The HP server consumes very little, about twice as much as a decent desktop at idle despite the 24 DIMMs and 20 physical cores. The LRDIMM iMB consumes about 1 additional Watt per DIMM. Next, let's look at the average power consumed during our CDN test.

CDN- average power

The LRDIMM server consumes 45 Watts more, or about 28%. Note that this does not mean that LRDIMMs significantly increase the power consumption. The CPU is working quite a bit harder when running with 768GB RAM as it is able to get more out of the RAM cache instead of waiting for the disks.

Two RDIMM servers would require 320W, which is still a lot more than the 204W the HP 380 Gen8 consumed with 768GB.

Conclusion

LRDIMMs offer the same bandwidth and latency as RDIMMs, but offer up to twice as much capacity for a 60% higher price per GB. Whether the price premium is worth paying depends on the applications you run. We don't think most HPC applications will benefit, but it is a totally different story for virtualization and caching servers.

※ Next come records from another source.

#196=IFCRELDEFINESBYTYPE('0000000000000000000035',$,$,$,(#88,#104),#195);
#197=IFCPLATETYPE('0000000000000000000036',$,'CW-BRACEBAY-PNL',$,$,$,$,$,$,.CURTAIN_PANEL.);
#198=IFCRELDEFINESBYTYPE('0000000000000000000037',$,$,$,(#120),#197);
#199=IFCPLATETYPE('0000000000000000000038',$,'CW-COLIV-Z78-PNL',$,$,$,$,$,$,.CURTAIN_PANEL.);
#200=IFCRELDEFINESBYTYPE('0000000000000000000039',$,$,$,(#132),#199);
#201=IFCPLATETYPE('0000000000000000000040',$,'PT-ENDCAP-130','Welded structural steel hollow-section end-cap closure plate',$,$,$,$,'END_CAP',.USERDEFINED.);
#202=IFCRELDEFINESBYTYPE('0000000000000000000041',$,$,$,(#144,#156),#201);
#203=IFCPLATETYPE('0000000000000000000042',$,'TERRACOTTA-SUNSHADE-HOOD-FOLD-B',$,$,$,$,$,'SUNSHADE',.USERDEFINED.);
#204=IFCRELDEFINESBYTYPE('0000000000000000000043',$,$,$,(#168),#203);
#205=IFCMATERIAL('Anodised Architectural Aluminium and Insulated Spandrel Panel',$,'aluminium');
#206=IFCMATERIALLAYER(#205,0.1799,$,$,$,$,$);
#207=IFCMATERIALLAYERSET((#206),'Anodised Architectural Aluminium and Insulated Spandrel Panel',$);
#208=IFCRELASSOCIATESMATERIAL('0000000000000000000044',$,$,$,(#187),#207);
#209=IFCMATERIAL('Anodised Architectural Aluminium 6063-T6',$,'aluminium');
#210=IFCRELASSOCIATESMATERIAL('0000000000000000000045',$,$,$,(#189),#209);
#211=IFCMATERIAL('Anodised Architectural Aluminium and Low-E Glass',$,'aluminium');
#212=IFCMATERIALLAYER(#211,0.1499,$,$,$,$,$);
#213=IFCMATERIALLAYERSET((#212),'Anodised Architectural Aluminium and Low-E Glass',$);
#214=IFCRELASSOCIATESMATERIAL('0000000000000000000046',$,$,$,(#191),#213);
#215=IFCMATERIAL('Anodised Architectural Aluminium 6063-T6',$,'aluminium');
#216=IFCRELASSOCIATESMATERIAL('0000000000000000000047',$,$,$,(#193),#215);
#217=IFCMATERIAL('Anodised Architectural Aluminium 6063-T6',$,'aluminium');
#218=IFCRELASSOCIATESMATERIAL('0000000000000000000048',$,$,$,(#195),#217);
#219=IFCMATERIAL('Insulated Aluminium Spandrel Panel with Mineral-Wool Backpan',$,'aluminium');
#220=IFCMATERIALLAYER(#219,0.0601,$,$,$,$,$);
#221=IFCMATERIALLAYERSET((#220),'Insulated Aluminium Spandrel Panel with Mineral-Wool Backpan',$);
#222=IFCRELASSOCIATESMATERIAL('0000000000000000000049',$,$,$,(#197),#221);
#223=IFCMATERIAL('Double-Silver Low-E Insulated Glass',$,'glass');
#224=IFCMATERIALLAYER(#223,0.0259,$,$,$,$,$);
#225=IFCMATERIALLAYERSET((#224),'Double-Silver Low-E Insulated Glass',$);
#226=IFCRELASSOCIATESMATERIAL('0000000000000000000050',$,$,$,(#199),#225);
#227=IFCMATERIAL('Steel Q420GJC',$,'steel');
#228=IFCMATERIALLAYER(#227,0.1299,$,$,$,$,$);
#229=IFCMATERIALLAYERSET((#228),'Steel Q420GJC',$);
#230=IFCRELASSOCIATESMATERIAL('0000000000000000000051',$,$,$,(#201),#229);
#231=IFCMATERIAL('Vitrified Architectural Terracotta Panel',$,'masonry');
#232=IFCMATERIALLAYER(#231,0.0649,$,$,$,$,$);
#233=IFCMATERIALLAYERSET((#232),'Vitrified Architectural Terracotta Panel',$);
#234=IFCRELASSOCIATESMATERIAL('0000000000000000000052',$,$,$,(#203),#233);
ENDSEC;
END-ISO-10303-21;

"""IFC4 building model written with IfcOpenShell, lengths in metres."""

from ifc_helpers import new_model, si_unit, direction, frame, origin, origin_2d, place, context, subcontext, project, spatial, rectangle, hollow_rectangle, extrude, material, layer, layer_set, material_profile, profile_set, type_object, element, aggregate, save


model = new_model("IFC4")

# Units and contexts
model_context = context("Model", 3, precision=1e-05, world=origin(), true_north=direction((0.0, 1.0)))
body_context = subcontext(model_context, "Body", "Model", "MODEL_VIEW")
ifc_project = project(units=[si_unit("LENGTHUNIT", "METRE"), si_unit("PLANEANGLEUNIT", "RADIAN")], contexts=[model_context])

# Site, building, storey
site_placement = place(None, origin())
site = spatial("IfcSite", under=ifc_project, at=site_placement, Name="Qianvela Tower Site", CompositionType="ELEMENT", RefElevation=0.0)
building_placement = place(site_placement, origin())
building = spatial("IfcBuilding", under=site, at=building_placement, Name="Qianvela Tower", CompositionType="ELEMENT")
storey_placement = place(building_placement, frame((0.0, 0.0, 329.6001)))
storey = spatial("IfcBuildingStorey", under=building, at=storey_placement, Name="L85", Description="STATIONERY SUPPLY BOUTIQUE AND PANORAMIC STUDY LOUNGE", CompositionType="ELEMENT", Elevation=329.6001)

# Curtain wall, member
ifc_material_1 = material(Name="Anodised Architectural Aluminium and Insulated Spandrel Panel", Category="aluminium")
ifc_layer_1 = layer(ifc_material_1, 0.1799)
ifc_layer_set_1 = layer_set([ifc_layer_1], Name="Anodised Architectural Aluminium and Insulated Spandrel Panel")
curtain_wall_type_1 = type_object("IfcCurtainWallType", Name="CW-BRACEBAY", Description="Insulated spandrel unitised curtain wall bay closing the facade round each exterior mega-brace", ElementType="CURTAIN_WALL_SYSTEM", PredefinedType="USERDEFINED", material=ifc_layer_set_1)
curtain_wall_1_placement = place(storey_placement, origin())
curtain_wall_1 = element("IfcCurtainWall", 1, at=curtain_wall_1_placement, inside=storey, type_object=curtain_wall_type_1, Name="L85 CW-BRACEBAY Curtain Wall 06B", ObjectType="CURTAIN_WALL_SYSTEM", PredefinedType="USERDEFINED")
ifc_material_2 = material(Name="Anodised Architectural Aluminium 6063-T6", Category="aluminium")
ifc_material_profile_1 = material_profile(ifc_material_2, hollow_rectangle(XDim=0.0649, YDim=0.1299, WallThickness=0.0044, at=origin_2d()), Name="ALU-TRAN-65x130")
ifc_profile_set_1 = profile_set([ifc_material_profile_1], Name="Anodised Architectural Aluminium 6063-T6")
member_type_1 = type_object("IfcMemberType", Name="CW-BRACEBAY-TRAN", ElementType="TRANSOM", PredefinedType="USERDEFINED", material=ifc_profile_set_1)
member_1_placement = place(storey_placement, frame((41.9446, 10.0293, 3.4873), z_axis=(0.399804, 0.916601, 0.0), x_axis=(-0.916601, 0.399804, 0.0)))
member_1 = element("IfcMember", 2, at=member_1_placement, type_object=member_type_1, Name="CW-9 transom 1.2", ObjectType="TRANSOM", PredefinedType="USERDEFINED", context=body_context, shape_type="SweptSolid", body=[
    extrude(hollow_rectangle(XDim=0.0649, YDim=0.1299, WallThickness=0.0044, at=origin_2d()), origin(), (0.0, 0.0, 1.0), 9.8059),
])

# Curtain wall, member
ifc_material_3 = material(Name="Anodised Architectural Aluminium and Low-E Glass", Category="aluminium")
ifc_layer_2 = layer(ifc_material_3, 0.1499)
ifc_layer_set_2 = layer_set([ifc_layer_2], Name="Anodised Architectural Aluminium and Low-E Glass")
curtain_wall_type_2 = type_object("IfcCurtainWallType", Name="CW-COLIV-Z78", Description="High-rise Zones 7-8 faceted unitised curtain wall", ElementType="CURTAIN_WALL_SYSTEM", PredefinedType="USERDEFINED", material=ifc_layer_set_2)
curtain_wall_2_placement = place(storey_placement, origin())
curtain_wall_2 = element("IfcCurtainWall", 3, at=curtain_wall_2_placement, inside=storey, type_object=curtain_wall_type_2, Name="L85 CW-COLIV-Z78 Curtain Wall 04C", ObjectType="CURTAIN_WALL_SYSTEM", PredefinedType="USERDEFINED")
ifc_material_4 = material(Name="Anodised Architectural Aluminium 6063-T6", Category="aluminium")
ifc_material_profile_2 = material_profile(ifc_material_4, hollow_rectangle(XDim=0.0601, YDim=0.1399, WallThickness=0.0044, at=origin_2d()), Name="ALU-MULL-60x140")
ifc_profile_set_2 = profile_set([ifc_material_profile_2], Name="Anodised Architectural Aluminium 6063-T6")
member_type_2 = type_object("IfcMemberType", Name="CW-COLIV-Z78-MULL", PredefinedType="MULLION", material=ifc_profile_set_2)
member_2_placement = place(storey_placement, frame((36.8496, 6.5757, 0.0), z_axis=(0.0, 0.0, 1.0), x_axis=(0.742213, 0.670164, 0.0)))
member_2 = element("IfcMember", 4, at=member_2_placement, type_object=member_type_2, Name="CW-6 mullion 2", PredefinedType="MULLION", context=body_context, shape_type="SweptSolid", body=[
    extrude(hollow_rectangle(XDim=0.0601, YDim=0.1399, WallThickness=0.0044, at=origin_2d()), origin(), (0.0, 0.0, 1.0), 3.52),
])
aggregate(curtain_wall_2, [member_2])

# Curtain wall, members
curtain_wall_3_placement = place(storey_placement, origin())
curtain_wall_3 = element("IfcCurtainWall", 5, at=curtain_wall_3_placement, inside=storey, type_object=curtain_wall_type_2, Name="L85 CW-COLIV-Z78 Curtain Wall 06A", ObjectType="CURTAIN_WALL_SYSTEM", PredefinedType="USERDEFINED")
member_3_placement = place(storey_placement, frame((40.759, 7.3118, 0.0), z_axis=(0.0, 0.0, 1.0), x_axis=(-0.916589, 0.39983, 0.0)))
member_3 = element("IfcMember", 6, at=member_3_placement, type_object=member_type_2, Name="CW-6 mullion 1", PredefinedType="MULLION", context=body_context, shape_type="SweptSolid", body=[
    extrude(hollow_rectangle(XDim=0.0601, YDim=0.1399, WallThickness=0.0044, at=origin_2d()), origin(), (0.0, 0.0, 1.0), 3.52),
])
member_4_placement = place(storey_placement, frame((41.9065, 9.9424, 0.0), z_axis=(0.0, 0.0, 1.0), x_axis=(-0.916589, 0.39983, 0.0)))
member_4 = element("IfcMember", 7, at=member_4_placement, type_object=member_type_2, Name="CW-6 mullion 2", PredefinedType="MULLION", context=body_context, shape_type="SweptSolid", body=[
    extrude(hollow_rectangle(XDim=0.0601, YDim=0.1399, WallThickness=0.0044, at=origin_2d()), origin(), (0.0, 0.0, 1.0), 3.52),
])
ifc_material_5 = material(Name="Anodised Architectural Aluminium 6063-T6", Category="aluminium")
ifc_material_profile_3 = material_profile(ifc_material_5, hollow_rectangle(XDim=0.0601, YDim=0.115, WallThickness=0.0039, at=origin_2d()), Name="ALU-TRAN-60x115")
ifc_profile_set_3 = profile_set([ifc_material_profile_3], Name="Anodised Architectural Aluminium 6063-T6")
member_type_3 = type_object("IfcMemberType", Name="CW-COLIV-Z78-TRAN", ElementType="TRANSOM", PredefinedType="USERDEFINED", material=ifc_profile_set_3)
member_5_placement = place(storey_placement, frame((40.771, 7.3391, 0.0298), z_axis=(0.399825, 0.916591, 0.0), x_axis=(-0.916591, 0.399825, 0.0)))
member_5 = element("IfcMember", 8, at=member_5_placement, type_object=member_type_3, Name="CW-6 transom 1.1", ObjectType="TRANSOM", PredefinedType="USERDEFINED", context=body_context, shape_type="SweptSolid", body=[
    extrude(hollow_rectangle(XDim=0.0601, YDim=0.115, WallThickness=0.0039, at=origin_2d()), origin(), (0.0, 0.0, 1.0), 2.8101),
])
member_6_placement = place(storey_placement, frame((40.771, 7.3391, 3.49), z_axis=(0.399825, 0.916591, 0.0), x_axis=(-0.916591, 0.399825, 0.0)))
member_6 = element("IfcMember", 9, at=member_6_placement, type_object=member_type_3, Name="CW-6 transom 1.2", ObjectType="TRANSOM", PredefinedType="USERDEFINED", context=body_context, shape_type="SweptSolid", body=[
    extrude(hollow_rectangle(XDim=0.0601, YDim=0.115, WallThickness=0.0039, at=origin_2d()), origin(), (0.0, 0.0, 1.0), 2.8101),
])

We knew that servers like Memcached and file caching servers were natural candidates for running on top of an LRDIMM based server. In our newly developed CDN test we have quantified the performance impact of having twice as much memory available in such a CDN server.

The results are pretty spectacular: throughput is on average 44% better and even better, response times are cut in half. Considering that one LRDIMM equipped server is about as expensive as two RDIMM servers with half the DRAM capacity, it is pretty clear that the Total Cost of Ownership (TCO) of LRDIMM servers is a lot lower. The much lower price per GB make LRDIMMs attractive for a whole new range of caching servers.